Democrats didn’t like Charles Rettig when he was Donald Trump’s IRS Commissioner. One lawmaker even said it was so bad it literally belonged to jail.
But Democrats like Rettig now that he’s Joe Biden’s IRS Commissioner, and no one has called for him to be fired like other remnants of the Trump administration.
The IRS is at the heart of the Democrats’ domestic policy agenda, and Rettig has done his job enthusiastically – not only making sure millions of child tax credit payments are made every month, but also helping the Biden administration in its efforts for much stricter enforcement of the IRS. .
Several Congressional Democrats praised Rettig on HuffPost, saying they had a good working relationship and he was a competent administrator.
“His work on implementing the expansion of the Child Tax Credit has been important because it has been one of Washington’s most transformative policies in generations,” said Senator Sherrod Brown (D-Ohio).
Rettig, 64, doesn’t have much political experience, having had a long career representing high net worth clients under IRS audit before Donald Trump put him in charge of the IRS, an agency that Republicans have vilified it for decades.
From the start, Rettig sent an important signal about how he would do the job.
During his confirmation hearing in 2018, Rettig said he hoped to “dramatically narrow the tax gap”, the revenue that the IRS misses mainly because of non-payment from wealthy people like its former clients, whose incomes are often not reported regularly. payroll forms. The tax gap is not a top priority for Republicans, but Rettig also said he wanted to modernize the IRS’s computer system and would resist political pressure. Fifteen Democrats ultimately joined with all Republicans that year in voting to confirm him as commissioner.
“People change their attitude when their job is at stake.”
– Representative Bill Pascrell (DN.J.)
Some of the good vibes wore off after Democrats won the House of Representatives and asked Rettig to turn over copies of Trump’s tax returns, in accordance with a federal law that says the Treasury Department “shall” provide all statements requested by tax policy committees.
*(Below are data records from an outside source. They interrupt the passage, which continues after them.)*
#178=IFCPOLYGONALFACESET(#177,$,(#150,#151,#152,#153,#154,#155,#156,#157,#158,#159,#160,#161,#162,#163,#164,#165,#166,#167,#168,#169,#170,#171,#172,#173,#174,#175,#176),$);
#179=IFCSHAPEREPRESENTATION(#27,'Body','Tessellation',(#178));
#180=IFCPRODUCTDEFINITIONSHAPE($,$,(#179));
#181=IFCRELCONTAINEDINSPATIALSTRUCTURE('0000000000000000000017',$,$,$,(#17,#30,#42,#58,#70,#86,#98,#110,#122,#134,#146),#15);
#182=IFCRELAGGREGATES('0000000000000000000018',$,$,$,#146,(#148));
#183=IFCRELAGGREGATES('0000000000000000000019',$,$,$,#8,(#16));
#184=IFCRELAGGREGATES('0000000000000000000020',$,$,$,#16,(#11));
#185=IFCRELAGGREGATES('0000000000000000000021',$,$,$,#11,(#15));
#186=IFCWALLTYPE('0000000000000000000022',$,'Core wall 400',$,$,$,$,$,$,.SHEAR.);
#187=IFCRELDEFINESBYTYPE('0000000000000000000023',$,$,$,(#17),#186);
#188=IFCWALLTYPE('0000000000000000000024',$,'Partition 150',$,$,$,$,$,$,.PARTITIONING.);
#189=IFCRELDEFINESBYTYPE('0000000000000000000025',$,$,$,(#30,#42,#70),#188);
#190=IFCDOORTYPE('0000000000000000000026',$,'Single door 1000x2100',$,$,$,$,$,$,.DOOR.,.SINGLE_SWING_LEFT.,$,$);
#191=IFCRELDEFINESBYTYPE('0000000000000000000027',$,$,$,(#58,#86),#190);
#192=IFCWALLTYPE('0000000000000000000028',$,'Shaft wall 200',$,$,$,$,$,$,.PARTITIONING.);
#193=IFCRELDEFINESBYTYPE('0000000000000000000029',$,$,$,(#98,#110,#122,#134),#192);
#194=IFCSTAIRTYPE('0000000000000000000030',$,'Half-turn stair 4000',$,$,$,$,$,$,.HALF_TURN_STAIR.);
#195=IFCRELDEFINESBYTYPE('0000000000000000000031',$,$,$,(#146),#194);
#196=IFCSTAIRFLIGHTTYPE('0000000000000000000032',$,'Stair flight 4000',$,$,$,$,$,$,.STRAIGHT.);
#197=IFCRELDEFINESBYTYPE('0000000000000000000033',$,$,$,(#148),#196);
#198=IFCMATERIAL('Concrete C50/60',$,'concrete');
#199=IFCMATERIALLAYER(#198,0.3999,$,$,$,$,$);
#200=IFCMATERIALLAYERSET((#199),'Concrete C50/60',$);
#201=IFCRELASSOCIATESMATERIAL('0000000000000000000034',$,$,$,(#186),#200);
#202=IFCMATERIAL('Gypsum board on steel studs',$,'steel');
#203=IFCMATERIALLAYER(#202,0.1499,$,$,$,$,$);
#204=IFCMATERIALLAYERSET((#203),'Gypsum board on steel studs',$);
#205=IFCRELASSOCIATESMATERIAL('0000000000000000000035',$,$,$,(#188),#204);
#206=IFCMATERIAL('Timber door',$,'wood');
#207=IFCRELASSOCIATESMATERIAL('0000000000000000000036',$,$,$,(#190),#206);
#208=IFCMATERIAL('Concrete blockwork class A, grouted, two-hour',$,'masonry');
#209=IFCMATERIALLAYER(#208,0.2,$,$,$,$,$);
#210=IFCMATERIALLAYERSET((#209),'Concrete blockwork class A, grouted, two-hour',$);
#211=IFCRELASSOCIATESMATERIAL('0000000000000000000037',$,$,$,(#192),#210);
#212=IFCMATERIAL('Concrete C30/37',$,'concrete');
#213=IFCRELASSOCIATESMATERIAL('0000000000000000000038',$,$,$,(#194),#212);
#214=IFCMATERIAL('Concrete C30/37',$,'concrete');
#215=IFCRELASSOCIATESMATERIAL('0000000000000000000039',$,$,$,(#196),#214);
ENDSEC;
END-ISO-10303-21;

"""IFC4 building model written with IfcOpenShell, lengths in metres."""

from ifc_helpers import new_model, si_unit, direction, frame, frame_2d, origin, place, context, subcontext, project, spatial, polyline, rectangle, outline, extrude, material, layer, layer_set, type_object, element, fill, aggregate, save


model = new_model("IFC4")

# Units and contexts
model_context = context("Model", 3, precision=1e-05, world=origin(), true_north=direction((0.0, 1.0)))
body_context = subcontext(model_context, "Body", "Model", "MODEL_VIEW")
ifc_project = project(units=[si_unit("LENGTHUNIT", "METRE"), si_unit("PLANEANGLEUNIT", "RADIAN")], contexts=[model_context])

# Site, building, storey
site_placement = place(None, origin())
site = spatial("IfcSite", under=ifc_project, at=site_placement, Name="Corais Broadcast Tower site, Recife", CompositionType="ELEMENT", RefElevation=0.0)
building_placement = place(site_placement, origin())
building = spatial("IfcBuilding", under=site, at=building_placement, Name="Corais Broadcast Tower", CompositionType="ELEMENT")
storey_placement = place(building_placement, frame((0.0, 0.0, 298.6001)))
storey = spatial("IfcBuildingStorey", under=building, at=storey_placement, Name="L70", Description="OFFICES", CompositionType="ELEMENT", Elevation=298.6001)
Treasury Secretary Steve Mnuchin – the Cabinet official overseeing the IRS at the time – stepped in to deny the request, which had been made to Rettig. Asked by Democrats on Capitol Hill, Rettig tried to stay out, noting that the IRS is just a treasury office.
This was the first time the IRS has refused to file a requested tax return, as far as everyone knows, and it amounted to an outright breach of federal law, as many Democrats have pointed out. at the time. Rep. Bill Pascrell (DN.J.) even went so far as to say that Mnuchin and Rettig should be locked up.
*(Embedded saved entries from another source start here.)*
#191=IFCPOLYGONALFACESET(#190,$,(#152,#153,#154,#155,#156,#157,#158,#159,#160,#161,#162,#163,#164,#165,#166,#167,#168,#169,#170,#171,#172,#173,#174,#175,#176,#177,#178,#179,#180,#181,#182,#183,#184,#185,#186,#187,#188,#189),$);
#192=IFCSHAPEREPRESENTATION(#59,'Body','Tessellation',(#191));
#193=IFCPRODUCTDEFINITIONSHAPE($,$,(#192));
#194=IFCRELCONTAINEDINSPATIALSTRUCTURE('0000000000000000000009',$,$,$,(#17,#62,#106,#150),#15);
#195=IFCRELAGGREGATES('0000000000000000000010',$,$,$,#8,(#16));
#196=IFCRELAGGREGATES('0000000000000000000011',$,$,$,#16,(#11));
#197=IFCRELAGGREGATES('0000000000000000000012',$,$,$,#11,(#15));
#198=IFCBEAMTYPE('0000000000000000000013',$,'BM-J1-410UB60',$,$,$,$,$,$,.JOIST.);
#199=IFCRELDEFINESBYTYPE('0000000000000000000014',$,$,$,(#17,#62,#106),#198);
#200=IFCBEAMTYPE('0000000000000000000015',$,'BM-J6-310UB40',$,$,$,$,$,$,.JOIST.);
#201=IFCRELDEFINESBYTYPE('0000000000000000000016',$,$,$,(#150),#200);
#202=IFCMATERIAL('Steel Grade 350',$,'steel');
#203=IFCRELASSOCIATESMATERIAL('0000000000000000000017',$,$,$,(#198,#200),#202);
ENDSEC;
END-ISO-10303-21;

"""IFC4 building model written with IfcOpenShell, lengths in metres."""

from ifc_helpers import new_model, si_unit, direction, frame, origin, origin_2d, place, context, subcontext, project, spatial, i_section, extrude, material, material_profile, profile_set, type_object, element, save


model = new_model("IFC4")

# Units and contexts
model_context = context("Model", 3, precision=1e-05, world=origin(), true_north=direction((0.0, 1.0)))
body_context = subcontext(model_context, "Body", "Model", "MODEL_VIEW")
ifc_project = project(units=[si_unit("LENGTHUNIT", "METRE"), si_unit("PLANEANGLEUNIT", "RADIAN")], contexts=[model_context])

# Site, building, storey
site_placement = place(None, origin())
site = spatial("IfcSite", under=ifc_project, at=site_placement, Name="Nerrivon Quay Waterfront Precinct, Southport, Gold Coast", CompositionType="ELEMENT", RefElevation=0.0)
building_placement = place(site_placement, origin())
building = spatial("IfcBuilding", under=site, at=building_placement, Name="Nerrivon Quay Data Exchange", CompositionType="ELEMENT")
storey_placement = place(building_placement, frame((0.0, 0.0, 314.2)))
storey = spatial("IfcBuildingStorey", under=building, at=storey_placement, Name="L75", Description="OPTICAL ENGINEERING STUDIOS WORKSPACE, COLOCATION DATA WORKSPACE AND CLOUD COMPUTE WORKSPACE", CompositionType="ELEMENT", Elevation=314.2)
“If they say no to the end, then I would put them in jail until the end,” Pascrell said in May 2019. “It’s the law of the land.”
Pascrell told HuffPost this month that he wasn’t sure if he still believed Rettig should go to jail and that he would like to know more about the decision to withhold the statements. He came up with a simple theory for Rettig’s solid job as Biden’s IRS commissioner.
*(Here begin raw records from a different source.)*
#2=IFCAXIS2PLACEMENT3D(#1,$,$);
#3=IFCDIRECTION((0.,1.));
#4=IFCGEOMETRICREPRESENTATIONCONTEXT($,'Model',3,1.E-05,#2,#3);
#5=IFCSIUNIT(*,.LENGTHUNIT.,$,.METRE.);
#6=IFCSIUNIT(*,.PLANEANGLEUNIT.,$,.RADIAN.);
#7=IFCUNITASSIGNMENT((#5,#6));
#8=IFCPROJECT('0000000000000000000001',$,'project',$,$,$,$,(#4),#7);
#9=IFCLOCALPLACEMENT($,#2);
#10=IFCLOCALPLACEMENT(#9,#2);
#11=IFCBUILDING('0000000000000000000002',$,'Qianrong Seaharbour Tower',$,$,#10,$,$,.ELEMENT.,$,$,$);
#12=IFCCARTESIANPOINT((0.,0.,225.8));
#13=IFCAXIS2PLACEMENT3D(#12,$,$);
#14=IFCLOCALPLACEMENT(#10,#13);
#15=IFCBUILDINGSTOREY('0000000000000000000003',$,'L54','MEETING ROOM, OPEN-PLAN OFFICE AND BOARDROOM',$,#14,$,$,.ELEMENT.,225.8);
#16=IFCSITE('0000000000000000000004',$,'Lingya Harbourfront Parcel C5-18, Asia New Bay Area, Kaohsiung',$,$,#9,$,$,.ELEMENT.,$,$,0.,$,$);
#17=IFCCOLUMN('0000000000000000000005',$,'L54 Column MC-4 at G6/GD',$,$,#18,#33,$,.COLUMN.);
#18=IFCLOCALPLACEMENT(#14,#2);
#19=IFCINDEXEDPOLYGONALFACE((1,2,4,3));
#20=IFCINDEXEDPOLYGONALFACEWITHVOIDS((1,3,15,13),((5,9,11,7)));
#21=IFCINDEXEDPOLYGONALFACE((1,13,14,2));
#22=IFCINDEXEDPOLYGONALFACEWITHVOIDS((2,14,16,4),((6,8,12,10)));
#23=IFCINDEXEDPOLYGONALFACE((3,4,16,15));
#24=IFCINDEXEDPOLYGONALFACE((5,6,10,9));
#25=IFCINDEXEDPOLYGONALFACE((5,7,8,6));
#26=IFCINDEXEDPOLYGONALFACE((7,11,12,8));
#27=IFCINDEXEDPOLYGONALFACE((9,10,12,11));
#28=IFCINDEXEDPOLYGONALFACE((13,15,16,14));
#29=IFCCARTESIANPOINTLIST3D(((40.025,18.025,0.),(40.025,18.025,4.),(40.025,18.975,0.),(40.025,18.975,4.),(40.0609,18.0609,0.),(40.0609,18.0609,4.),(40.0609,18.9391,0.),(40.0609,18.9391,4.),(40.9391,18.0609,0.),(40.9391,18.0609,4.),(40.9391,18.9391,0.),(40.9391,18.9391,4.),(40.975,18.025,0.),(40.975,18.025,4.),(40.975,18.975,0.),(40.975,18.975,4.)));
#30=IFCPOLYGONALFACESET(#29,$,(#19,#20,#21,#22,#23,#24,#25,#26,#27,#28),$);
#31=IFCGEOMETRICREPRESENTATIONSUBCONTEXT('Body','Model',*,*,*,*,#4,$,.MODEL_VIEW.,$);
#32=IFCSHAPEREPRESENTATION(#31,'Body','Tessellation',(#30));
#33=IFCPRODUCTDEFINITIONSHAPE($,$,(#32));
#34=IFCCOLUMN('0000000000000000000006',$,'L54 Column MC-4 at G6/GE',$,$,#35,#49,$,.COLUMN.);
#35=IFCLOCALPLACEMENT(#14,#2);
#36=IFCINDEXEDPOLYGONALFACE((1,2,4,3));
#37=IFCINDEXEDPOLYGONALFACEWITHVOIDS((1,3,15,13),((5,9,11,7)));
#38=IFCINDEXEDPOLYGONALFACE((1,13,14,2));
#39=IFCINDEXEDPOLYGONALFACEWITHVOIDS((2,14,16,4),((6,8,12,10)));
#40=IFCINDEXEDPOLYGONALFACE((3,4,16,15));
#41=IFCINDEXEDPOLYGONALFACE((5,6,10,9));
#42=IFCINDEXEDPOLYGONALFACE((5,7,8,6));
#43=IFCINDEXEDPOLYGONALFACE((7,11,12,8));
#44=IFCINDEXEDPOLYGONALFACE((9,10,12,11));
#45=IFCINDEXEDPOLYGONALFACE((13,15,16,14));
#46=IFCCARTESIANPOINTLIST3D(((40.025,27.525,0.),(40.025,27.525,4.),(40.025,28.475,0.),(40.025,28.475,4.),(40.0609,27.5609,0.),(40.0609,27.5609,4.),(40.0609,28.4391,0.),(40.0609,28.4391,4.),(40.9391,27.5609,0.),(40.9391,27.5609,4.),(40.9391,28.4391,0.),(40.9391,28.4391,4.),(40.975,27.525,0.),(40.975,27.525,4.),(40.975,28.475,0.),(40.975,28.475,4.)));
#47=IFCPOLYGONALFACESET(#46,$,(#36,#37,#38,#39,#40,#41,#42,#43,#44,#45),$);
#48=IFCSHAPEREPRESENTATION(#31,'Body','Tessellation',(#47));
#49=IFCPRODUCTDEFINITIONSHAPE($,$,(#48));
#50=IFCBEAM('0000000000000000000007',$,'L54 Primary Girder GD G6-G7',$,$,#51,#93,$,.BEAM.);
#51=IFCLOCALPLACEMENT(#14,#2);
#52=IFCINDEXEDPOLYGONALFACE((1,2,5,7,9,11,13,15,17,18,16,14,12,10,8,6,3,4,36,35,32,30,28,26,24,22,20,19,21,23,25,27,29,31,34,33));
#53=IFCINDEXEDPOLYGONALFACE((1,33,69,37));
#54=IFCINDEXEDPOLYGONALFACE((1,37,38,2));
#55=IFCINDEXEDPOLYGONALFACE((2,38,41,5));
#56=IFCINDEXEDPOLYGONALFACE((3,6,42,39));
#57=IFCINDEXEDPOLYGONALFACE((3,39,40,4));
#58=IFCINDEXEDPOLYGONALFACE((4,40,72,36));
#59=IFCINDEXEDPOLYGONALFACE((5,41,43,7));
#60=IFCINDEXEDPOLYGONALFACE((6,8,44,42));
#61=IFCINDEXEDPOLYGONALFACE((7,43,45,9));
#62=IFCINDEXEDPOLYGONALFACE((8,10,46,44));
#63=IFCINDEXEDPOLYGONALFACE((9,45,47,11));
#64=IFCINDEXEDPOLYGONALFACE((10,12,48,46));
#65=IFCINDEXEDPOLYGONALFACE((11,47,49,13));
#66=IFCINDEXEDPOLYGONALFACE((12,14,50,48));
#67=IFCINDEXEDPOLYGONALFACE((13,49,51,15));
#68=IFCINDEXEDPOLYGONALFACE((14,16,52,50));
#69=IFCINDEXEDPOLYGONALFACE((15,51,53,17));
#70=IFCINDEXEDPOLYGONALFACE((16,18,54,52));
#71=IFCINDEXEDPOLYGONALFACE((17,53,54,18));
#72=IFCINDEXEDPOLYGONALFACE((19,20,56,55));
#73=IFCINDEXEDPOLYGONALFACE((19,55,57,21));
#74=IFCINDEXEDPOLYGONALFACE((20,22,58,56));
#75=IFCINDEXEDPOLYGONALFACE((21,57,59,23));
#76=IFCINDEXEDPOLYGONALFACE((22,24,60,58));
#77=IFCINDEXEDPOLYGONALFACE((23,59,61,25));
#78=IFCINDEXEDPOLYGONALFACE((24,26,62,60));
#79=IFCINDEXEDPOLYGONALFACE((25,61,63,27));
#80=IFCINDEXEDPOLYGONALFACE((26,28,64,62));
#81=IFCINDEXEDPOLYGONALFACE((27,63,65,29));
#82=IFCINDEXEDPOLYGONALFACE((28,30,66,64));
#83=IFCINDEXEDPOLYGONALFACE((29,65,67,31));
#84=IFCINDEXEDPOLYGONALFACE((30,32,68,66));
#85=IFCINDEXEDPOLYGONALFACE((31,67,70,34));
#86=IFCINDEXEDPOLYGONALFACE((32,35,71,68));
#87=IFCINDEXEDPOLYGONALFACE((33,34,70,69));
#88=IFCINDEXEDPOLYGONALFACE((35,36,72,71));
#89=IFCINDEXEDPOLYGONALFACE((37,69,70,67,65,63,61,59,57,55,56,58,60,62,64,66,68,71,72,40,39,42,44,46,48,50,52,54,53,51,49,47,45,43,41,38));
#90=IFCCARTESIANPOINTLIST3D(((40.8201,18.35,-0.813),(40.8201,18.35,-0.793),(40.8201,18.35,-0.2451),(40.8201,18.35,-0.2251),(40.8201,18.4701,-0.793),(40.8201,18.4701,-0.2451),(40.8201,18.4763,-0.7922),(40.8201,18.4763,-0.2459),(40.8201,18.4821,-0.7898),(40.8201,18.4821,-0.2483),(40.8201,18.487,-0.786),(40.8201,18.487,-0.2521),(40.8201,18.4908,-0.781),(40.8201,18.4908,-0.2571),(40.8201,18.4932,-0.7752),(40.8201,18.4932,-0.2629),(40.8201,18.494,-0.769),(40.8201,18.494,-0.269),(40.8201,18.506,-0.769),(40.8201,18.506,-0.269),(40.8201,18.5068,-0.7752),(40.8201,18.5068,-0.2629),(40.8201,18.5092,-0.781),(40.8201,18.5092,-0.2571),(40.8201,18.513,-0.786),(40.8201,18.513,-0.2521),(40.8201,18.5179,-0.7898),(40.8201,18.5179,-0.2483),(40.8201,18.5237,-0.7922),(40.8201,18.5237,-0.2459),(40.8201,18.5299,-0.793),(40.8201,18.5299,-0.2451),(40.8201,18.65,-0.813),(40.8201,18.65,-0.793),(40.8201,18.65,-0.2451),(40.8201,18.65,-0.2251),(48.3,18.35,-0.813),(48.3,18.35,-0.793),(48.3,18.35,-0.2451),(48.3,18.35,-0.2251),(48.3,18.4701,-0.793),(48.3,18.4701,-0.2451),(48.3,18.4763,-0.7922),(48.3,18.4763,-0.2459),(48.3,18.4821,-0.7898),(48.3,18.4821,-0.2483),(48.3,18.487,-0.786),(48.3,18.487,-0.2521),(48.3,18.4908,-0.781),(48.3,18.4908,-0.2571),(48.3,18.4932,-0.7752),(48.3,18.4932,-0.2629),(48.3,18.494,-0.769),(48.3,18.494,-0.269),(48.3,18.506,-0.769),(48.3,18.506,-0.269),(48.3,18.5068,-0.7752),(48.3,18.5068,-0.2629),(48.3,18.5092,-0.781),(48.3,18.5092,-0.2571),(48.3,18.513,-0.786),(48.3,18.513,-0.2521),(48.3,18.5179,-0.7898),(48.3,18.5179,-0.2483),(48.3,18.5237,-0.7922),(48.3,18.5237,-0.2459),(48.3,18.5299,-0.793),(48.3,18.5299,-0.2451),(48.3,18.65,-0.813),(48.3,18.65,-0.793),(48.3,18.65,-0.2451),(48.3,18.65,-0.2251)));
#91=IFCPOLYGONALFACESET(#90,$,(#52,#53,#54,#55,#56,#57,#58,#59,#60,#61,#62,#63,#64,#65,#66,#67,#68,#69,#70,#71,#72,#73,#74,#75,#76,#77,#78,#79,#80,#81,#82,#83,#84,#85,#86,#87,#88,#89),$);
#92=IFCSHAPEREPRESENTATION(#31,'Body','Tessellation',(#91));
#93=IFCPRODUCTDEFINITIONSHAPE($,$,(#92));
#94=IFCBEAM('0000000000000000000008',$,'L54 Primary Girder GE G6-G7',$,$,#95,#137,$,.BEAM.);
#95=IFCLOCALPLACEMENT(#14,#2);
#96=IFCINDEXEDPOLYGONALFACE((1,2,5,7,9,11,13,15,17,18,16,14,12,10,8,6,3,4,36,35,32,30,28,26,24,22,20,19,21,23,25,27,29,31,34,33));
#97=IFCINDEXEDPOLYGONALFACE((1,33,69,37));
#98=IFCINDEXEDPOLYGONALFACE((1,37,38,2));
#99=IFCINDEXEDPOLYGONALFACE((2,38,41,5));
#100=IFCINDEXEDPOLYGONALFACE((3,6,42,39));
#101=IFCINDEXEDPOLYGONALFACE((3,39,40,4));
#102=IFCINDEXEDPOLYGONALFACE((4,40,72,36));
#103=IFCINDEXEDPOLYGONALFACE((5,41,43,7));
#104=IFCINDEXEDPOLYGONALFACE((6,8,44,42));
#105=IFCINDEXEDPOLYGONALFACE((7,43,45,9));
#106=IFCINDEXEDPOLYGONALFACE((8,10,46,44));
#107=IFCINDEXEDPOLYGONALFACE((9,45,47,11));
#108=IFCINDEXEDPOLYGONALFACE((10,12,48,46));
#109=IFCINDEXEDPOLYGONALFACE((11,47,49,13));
“People change their attitude when their job is at stake,” he said.
Representative Lloyd Doggett (D-Texas), another big supporter of getting Trump’s tax returns, said Rettig needs to be ideologically flexible. “I would definitely prefer to have a new IRS commissioner,” Doggett said.
Under Biden, the Treasury Department has said it will comply with Democrats’ demand for Trump’s returns, and the only remaining hurdle is a Trump-appointed judge taking his time making a decision in the case.
In a statement to HuffPost, Rettig said he took the same approach to his work under both administrations: “I believe in our country and am committed to helping the tax administration and everyone who interacts with the IRS, including our employees, taxpayers, tax professionals and Congress. “
Rettig is serving a set sentence which is not until next year. Congress has given some agency officials terms that do not correspond to changes in administration in order to isolate their work from the politics of the day.
Former IRS Commissioner John Koskinen, who served under both Barack Obama and Trump, said Rettig had done a good job moving from administration to administration and that was normal for a political candidate with a five-year term.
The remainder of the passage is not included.